Category Archives: 2020

The July 2020 issue

This July 2020 issue contains four technical papers, the second paper of our education series, as well as two editorial notes.

The first technical paper, Tracking the deployment of TLS 1.3 on the Web: A story of experimentation and centralization, by Ralph Holz and his colleagues, deals with Transport Layer Security (TLS) 1.3, a redesign of the Web’s most important security protocol. TLS 1.3 was standardized in August 2018 after a four year-long, unprecedented design process involving many cryptographers and industry stakeholders. In their work, the authors track deployment, uptake, and use of TLS 1.3 from the early design phase until well over a year after standardization.

The second technical paper, Does Domain Name Encryption Increase Users’ Privacy?, by Martino Trevisan and colleagues, is on a topic related to the first technical paper. This work shows that DNS over HTTP (DoH) does not offer the privacy protection that many assume. For the purposes of reproducibility, the authors provide the data used under NDA with the institution owning the data. The authors also share config files and ML environment details in the interest of promoting replicability in other environments.

Our third paper, Using Application Layer Banner Data to Automatically Identify IoT Devices, by Talha Javed and his colleagues, is of the “repeatable technical papers” type, which are technical contributions that provide their artefacts, e.g., software, datasets. This paper attempts to replicate a Usenix Security 2018 paper. It describes the efforts of the authors at re-implementing the solution described in the Usenix Security paper, especially the challenges encountered when authors of the original paper are unwilling to respond to requests for artefacts. We hope it will encourage additional reproducibility studies.
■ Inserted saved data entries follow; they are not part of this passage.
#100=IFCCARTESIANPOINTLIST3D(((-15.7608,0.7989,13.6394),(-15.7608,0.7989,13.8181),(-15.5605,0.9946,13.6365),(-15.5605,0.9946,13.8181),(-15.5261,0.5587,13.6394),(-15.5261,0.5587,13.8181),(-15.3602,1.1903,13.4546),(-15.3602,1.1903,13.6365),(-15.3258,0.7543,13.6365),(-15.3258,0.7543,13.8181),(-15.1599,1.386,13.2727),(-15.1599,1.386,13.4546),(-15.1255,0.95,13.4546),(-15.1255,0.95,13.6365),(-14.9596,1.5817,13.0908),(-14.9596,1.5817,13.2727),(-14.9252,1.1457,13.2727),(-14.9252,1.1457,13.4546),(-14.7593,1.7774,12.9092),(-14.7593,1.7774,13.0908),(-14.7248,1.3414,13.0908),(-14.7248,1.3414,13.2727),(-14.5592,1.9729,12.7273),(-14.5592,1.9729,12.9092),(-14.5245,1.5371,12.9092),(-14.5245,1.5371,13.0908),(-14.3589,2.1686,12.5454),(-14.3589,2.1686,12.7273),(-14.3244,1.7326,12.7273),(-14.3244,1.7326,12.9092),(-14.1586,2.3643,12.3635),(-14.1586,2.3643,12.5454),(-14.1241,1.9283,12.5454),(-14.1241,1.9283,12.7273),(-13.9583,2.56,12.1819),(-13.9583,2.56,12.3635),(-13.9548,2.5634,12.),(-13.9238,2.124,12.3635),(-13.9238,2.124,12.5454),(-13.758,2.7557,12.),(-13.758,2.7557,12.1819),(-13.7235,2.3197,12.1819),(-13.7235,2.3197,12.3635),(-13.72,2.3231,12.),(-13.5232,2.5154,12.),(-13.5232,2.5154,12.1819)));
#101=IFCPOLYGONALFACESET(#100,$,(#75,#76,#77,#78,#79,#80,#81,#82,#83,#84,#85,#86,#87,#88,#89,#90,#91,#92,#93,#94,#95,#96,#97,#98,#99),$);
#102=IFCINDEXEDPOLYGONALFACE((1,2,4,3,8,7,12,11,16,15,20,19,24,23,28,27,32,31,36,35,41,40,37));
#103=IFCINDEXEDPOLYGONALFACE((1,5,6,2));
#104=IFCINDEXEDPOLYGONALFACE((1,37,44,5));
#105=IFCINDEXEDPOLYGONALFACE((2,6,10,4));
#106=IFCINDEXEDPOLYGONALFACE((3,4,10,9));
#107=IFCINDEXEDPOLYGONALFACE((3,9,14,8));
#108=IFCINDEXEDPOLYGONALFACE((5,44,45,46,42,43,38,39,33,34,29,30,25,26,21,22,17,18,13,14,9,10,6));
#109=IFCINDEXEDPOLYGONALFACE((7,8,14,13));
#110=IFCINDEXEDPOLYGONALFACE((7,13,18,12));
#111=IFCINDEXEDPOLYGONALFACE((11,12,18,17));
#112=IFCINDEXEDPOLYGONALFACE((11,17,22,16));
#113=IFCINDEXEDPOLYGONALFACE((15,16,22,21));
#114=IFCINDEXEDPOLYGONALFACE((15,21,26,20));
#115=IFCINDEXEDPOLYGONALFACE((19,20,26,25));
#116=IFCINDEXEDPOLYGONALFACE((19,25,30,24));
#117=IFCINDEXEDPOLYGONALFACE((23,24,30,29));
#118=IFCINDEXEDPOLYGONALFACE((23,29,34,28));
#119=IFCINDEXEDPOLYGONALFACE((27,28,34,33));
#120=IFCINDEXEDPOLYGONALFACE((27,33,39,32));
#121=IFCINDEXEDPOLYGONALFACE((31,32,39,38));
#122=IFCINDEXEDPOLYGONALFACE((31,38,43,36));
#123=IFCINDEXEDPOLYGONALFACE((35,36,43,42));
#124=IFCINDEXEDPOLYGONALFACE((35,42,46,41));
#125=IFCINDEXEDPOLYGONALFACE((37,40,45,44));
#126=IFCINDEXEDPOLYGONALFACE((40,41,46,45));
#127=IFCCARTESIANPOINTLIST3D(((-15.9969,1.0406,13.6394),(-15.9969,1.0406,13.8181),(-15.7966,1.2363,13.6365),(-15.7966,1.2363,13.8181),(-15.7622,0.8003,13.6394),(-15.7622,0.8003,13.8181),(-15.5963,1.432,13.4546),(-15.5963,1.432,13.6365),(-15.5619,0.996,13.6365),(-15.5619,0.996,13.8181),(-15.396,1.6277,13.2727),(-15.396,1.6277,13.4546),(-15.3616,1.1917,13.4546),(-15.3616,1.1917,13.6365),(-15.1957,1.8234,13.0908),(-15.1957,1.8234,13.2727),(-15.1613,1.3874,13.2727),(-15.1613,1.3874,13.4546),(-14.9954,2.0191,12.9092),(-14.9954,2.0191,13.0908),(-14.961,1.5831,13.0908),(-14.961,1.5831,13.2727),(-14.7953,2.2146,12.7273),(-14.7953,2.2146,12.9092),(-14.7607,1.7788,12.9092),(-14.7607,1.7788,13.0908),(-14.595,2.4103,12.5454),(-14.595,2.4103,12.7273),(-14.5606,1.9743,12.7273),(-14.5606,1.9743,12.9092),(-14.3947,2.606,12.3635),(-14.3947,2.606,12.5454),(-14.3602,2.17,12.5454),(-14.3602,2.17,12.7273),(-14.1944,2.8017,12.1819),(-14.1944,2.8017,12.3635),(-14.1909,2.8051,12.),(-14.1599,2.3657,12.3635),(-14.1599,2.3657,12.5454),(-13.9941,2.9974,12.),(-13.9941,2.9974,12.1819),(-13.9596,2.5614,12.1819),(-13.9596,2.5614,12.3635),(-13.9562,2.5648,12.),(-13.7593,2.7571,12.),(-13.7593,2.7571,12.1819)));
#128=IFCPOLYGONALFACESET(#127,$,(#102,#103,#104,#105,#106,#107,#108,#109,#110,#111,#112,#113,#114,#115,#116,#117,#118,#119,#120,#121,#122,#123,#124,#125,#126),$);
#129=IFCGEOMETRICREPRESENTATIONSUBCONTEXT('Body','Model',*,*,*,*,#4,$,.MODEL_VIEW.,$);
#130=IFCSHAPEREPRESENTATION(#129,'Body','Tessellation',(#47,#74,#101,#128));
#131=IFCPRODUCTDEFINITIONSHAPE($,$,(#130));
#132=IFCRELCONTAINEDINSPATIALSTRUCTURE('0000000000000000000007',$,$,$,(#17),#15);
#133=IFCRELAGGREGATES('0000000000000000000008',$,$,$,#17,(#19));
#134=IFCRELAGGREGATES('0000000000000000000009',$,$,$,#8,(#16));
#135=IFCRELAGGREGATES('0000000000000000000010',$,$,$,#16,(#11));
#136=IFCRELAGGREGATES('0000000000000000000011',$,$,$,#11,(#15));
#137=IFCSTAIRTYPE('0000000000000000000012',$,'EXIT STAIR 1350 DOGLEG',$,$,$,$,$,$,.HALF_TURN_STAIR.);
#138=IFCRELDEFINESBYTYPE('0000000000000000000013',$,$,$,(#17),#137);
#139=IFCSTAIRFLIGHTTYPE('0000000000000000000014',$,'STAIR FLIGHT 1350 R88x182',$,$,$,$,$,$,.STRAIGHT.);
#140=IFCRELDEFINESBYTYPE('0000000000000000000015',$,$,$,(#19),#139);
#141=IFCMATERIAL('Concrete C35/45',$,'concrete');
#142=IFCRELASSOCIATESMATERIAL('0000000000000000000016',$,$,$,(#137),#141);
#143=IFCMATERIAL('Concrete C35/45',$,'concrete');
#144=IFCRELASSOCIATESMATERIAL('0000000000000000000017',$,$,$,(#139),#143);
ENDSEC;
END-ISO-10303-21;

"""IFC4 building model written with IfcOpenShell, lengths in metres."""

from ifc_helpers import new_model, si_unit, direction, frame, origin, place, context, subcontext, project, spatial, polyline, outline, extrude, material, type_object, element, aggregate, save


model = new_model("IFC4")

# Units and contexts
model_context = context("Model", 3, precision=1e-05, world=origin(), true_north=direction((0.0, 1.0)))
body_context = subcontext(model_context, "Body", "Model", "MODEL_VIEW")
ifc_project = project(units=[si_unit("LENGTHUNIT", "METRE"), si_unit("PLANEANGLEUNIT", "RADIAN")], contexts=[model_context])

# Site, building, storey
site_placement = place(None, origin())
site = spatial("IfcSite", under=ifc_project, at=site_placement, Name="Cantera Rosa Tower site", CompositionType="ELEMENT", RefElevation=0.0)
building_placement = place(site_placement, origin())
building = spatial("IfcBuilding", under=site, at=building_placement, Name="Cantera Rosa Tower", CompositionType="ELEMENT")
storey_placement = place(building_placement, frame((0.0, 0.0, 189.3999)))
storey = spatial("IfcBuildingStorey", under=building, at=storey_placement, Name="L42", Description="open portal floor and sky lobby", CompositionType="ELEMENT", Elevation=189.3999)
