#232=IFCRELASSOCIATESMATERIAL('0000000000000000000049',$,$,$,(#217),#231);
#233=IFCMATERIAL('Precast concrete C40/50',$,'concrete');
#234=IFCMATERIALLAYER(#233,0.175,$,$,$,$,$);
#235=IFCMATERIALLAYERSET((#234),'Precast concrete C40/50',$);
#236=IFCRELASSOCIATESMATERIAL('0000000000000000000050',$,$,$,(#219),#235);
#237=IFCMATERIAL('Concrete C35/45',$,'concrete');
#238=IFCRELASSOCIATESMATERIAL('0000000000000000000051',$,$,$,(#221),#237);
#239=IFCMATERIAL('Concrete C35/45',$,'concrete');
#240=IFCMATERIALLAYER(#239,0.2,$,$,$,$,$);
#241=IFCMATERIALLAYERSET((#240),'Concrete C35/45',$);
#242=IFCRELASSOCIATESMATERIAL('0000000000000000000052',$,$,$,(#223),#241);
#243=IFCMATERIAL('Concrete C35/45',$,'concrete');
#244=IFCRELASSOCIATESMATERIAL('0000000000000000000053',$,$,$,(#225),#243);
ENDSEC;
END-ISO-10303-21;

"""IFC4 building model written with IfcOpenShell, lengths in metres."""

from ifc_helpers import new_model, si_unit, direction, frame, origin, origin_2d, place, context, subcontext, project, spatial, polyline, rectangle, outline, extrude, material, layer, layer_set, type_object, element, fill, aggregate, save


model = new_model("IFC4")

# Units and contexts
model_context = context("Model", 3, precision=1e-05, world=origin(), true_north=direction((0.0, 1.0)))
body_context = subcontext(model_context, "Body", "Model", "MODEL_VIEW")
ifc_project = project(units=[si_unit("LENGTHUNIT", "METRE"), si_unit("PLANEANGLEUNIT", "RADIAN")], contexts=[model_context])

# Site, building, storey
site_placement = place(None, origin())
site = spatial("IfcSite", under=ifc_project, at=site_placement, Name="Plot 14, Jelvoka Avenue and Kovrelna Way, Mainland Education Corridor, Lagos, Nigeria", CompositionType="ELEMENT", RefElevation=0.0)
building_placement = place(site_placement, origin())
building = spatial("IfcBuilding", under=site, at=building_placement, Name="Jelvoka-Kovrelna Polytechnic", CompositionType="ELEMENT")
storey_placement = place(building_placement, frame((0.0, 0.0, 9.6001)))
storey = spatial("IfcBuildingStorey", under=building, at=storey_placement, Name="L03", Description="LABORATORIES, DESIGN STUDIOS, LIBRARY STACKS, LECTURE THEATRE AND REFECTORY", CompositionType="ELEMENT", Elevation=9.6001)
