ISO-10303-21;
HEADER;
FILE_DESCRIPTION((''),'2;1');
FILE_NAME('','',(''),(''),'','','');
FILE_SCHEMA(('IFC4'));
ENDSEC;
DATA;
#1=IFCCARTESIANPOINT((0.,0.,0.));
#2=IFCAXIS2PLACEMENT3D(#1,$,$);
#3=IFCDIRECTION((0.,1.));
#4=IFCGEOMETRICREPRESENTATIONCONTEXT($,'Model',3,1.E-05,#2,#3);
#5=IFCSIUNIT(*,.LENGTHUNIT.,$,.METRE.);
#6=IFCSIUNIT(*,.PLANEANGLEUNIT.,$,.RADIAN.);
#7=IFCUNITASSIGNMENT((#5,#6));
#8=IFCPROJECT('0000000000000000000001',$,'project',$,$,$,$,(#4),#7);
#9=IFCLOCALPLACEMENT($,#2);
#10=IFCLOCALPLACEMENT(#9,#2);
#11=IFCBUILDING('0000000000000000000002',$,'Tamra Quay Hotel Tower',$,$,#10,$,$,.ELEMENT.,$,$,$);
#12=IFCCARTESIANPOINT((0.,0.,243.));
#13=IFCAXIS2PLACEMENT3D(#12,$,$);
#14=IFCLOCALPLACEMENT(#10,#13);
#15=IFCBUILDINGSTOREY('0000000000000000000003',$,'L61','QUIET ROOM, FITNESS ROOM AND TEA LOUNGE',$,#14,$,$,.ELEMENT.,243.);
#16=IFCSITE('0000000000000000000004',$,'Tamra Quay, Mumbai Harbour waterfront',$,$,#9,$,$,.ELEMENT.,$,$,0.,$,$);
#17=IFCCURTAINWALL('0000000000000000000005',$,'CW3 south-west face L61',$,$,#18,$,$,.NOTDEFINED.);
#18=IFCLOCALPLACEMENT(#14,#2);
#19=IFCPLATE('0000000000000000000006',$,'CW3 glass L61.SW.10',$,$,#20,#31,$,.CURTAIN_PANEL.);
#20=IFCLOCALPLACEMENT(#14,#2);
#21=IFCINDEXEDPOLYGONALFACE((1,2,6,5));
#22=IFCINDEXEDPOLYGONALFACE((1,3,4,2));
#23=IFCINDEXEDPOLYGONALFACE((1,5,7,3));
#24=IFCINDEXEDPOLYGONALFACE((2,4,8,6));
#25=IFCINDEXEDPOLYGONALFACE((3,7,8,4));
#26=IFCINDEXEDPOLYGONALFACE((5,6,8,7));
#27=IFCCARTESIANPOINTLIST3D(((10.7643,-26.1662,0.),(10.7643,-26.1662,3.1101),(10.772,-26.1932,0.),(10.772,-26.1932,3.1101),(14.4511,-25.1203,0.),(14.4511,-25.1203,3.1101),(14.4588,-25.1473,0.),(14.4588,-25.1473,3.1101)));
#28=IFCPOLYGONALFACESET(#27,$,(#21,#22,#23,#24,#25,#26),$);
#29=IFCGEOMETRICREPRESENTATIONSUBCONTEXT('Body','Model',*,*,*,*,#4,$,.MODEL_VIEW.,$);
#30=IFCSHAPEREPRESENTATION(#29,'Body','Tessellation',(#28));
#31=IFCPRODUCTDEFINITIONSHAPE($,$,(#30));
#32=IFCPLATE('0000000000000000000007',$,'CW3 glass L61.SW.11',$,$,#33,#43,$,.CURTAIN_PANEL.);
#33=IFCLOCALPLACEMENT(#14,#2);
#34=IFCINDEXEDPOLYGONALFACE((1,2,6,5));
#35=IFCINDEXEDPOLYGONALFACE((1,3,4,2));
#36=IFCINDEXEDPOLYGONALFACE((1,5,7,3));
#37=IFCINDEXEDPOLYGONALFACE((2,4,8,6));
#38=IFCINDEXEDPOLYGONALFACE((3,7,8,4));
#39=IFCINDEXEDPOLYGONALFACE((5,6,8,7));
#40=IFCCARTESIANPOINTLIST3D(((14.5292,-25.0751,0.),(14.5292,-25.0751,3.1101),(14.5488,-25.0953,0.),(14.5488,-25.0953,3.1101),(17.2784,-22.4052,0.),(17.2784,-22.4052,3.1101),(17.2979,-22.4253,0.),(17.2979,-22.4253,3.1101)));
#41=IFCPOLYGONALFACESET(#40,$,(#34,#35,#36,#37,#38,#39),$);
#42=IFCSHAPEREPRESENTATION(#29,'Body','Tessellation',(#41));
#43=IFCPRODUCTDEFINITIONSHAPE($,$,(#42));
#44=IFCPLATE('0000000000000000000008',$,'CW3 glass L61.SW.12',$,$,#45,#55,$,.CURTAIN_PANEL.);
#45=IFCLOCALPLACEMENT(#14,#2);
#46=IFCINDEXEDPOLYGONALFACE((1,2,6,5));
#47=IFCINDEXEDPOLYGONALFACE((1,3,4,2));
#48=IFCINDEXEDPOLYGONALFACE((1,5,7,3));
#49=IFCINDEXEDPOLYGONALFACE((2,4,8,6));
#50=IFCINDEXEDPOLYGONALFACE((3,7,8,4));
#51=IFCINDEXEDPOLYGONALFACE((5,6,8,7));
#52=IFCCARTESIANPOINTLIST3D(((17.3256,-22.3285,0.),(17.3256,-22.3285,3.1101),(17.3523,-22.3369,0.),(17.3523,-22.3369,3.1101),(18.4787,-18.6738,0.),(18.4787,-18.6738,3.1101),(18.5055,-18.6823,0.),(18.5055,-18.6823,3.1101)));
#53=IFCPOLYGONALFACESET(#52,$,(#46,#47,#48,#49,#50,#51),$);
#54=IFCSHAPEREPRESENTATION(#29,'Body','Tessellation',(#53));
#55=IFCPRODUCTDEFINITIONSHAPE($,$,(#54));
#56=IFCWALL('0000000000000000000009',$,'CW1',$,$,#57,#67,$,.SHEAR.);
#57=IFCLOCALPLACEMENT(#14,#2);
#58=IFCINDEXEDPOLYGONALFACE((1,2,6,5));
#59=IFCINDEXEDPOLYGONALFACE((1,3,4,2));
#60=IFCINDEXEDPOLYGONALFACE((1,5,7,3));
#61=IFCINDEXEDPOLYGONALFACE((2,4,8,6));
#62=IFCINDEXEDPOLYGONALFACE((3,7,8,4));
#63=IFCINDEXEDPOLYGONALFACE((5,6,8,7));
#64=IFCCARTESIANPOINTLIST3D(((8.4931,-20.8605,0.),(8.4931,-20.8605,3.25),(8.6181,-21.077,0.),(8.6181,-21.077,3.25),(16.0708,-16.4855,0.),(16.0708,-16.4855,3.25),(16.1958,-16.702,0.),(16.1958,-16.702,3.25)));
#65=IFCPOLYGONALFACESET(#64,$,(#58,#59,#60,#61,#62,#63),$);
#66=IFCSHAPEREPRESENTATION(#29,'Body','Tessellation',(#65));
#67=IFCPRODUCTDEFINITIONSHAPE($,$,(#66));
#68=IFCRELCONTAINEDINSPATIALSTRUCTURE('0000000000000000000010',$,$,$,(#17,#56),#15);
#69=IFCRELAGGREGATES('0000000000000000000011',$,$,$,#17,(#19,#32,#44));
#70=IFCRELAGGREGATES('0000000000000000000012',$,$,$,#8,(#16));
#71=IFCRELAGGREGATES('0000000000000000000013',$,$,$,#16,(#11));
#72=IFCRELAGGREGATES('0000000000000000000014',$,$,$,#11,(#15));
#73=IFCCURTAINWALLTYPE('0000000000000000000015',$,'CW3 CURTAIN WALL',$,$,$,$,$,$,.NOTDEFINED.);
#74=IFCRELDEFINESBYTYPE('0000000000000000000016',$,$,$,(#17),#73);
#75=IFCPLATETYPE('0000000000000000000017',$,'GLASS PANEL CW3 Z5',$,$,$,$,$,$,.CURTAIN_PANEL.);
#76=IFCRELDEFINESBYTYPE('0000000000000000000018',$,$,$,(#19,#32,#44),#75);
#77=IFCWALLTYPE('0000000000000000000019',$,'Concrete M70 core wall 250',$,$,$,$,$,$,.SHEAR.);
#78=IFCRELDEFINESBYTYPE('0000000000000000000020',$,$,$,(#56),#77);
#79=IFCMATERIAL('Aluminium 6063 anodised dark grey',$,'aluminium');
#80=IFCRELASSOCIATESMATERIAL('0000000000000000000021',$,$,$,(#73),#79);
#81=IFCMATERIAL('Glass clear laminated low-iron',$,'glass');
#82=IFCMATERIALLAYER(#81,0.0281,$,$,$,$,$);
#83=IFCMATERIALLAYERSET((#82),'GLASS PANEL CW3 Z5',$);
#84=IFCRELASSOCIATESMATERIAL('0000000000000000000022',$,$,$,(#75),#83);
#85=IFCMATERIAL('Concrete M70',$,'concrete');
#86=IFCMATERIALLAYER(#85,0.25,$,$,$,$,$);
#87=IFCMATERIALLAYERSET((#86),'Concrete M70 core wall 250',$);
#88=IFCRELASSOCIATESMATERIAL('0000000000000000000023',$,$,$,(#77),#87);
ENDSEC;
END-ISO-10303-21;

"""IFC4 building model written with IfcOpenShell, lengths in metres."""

from ifc_helpers import new_model, si_unit, direction, frame, frame_2d, origin, origin_2d, place, context, subcontext, project, spatial, rectangle, extrude, material, layer, layer_set, type_object, element, aggregate, save


model = new_model("IFC4")

# Units and contexts
model_context = context("Model", 3, precision=1e-05, world=origin(), true_north=direction((0.0, 1.0)))
body_context = subcontext(model_context, "Body", "Model", "MODEL_VIEW")
ifc_project = project(units=[si_unit("LENGTHUNIT", "METRE"), si_unit("PLANEANGLEUNIT", "RADIAN")], contexts=[model_context])

# Site, building, storey
site_placement = place(None, origin())
site = spatial("IfcSite", under=ifc_project, at=site_placement, Name="Tamra Quay, Mumbai Harbour waterfront", CompositionType="ELEMENT", RefElevation=0.0)
building_placement = place(site_placement, origin())
building = spatial("IfcBuilding", under=site, at=building_placement, Name="Tamra Quay Hotel Tower", CompositionType="ELEMENT")
storey_placement = place(building_placement, frame((0.0, 0.0, 243.0)))
storey = spatial("IfcBuildingStorey", under=building, at=storey_placement, Name="L61", Description="QUIET ROOM, FITNESS ROOM AND TEA LOUNGE", CompositionType="ELEMENT", Elevation=243.0)

# Shared definitions
ifc_material_1 = material(Name="Concrete M70", Category="concrete")

# Shared definitions
ifc_material_2 = material(Name="Aluminium 6063 anodised dark grey", Category="aluminium")

# Curtain wall
curtain_wall_type_1 = type_object("IfcCurtainWallType", Name="CW3 CURTAIN WALL", PredefinedType="NOTDEFINED", material=ifc_material_2)
curtain_wall_1_placement = place(storey_placement, origin())
curtain_wall_1 = element("IfcCurtainWall", 1, at=curtain_wall_1_placement, inside=storey, type_object=curtain_wall_type_1, Name="CW3 south-west face L61", PredefinedType="NOTDEFINED")

# Plates
ifc_material_3 = material(Name="Glass clear laminated low-iron", Category="glass")
ifc_layer_1 = layer(ifc_material_3, 0.0281)
ifc_layer_set_1 = layer_set([ifc_layer_1], Name="GLASS PANEL CW3 Z5")
plate_type_1 = type_object("IfcPlateType", Name="GLASS PANEL CW3 Z5", PredefinedType="CURTAIN_PANEL", material=ifc_layer_set_1)
plate_1_placement = place(storey_placement, frame((12.6116, -25.6567, 0.0), z_axis=(0.0, 0.0, 1.0), x_axis=(0.962041, 0.272906, 0.0)))
plate_1 = element("IfcPlate", 2, at=plate_1_placement, type_object=plate_type_1, Name="CW3 glass L61.SW.10", PredefinedType="CURTAIN_PANEL", context=body_context, shape_type="SweptSolid", body=[
    extrude(rectangle(XDim=3.8323, YDim=0.0281, at=origin_2d()), origin(), (0.0, 0.0, 1.0), 3.1101),
])
plate_2_placement = place(storey_placement, frame((15.9136, -23.7502, 0.0), z_axis=(0.0, 0.0, 1.0), x_axis=(0.717364, 0.696698, 0.0)))
plate_2 = element("IfcPlate", 3, at=plate_2_placement, type_object=plate_type_1, Name="CW3 glass L61.SW.11", PredefinedType="CURTAIN_PANEL", context=body_context, shape_type="SweptSolid", body=[
    extrude(rectangle(XDim=3.8323, YDim=0.0281, at=origin_2d()), origin(), (0.0, 0.0, 1.0), 3.1101),
])
plate_3_placement = place(storey_placement, frame((17.9155, -20.5054, 0.0), z_axis=(0.0, 0.0, 1.0), x_axis=(0.300903, 0.953655, 0.0)))
plate_3 = element("IfcPlate", 4, at=plate_3_placement, type_object=plate_type_1, Name="CW3 glass L61.SW.12", PredefinedType="CURTAIN_PANEL", context=body_context, shape_type="SweptSolid", body=[
    extrude(rectangle(XDim=3.8323, YDim=0.0281, at=origin_2d()), origin(), (0.0, 0.0, 1.0), 3.1101),
])
aggregate(curtain_wall_1, [plate_1, plate_2, plate_3])

# Wall
ifc_layer_2 = layer(ifc_material_1, 0.25)
ifc_layer_set_2 = layer_set([ifc_layer_2], Name="Concrete M70 core wall 250")
wall_type = type_object("IfcWallType", Name="Concrete M70 core wall 250", PredefinedType="SHEAR", material=ifc_layer_set_2)
wall_placement = place(storey_placement, frame((16.1333, -16.5938, 0.0), z_axis=(0.0, 0.0, 1.0), x_axis=(-0.866023, -0.500004, 0.0)))
element("IfcWall", 5, at=wall_placement, inside=storey, type_object=wall_type, Name="CW1", PredefinedType="SHEAR", context=body_context, shape_type="SweptSolid", body=[
    extrude(rectangle(XDim=8.75, YDim=0.25, at=frame_2d((4.375, 0.0))), origin(), (0.0, 0.0, 1.0), 3.25),
])

save(model, "model.ifc")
The fourth paper, Towards Declarative Self-Adapting Buffer Management, by Pavel Chuprikov and his colleagues, introduces a novel machine learning based approach to buffer management. The idea is to provide a queue management infrastructure that automatically adapts to traffic changes and identifies the policy that is hypothetically best suited for current traffic patterns. The authors adopt a multi-armed bandits model, and given that different objectives and assumptions lead to different bandit algorithms, they discuss and explore the design space while providing an experimental evaluation that validates their recommendations. The authors provide a GitHub repository that allows for the reproducibility of their result through the NS-2 simulator.

The fifth paper, also our second paper in the new education series, Open Educational Resources for Computer Networking, by Olivier Bonaventure and his colleagues, describes an effort to create an online, interactive textbook for computer networking. What distinguishes this textbook from traditional ones is that it not only is it free and available for anyone in the world to use, but also, it is also interactive. Therefore, this goes way beyond what a textbook usually offers: it is an interactive learning platform for computer networking. The authors here report on about ten years of experience with it, that led to some interesting experiences and lessons learned.

Then, we have two editorial notes. The first, Lessons Learned Organizing the PAM 2020 Virtual Conference, by Chris Misa and his colleagues, reports on the experience from the organizing committee of the 2020 edition of the Passive and Active Measurement (PAM) conference, that took place as a virtual event. It provides important lessons learned for future conferences that decide to go for a virtual event. The second editorial note, Update on ACM SIGCOMM CCR reviewing process: making the review process more open, by the whole CCR editorial board, aims to inform the SIGCOMM community on the reviewing process in place currently at CCR, and to share our plans to make CCR a more open and welcoming venue, adding more value to the SIGCOMM community.

I hope that you will enjoy reading this new issue and welcome comments and suggestions on CCR Online (https: //ccronline.sigcomm.org) or by email at ccr-editor at sigcomm.org.

Update on ACM SIGCOMM CCR reviewing process: towards a more open review process

Ralph Holz, Marco Mellia, Olivier Bonaventure, Hamed Haddadi, Matthew Caesar, Sergey Gorinsky, Gianni Antichi, Joseph Camp, kc Klaffy, Bhaskaran Raman, Anna Sperotto, Aline Viana, Steve Uhlig

Abstract

This editorial note aims to first inform the SIGCOMM community on the reviewing process in place currently at CCR, and second, share our plans to make CCR a more open and welcoming venue by making changes to the review process, adding more value to the SIGCOMM community.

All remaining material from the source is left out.